Avant et après la visite de Hochstein, Israël a envoyé des signaux clairs – notamment des raids aériens intenses sur les banlieues sud de Beyrouth – selon lesquels la « médiation » visait davantage à évaluer la volonté du Liban de capituler. Mais sur le terrain où se déroulent les véritables batailles, la résistance du Hezbollah, loin d’être une défaite, renforçait déjà la position de négociation du Liban.
Paradoxalement, le Premier ministre par intérim Najib Mikati, un vestige du dernier gouvernement libanais, a critiqué le président du Parlement iranien Mohammad Qalibaf pour « l’ingérence flagrante de Téhéran dans les affaires libanaises et sa tentative d’établir une tutelle inacceptable sur le Liban », alors même qu’il saluait Hochstein, un ancien membre d’équipage de char israélien, et restait silencieux sur les tonnes de missiles américains qui aident Israël à massacrer des milliers de civils libanais.

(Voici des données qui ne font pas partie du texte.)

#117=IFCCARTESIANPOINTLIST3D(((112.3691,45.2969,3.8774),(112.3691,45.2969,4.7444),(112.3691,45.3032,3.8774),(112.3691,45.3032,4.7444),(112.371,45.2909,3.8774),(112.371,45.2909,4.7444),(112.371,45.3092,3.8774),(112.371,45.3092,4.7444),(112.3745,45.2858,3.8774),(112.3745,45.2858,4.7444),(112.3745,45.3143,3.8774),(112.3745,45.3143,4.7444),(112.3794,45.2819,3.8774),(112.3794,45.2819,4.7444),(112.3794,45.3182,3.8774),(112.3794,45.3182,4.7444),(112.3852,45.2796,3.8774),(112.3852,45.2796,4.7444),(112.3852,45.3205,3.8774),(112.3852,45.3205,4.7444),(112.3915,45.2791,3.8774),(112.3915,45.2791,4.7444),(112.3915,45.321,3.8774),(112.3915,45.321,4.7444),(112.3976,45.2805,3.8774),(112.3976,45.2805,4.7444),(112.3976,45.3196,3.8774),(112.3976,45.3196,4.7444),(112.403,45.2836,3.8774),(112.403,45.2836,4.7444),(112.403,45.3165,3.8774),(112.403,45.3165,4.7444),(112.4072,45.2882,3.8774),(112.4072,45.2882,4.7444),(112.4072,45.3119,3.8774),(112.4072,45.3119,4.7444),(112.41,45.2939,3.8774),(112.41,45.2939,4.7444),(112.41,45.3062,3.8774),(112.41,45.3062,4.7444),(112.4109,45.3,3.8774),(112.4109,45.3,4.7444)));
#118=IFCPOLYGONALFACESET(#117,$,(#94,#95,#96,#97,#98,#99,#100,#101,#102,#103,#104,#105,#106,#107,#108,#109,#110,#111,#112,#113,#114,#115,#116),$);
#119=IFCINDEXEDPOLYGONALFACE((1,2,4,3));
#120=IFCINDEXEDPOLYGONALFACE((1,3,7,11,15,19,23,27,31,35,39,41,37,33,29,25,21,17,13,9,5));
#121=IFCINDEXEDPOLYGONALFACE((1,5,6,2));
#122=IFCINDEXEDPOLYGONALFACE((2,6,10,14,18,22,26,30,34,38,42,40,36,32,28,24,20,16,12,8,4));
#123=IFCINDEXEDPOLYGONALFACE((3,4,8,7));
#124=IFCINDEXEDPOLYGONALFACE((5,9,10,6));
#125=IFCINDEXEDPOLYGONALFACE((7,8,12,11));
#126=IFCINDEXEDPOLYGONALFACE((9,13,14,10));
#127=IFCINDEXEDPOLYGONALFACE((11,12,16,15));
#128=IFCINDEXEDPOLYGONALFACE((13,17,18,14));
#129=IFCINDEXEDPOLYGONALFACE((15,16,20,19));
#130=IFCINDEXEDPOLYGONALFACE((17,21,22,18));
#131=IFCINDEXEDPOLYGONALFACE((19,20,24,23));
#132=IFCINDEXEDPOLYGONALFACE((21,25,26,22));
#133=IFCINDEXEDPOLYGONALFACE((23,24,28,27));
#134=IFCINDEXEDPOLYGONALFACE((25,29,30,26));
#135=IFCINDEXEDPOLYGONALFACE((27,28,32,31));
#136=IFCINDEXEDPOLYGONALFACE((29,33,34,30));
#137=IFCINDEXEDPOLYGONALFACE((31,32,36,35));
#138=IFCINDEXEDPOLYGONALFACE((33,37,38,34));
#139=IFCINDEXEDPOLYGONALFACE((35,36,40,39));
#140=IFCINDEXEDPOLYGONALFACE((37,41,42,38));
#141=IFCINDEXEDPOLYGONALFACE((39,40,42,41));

Les Libanais craignent que leurs dirigeants ne vacillent à nouveau, comme l’a fait Mikati récemment, sapant la position unifiée que Berri s’est efforcé de maintenir contre les pressions extérieures. Si la résistance du Liban dans le sud demeure un atout crucial, certains hommes politiques semblent trop désireux de revisiter les humiliations de l’époque des accords du 17 mai ou de se résigner à un rôle symbolique faible, proche de celui d’un Abou Mazen libanais.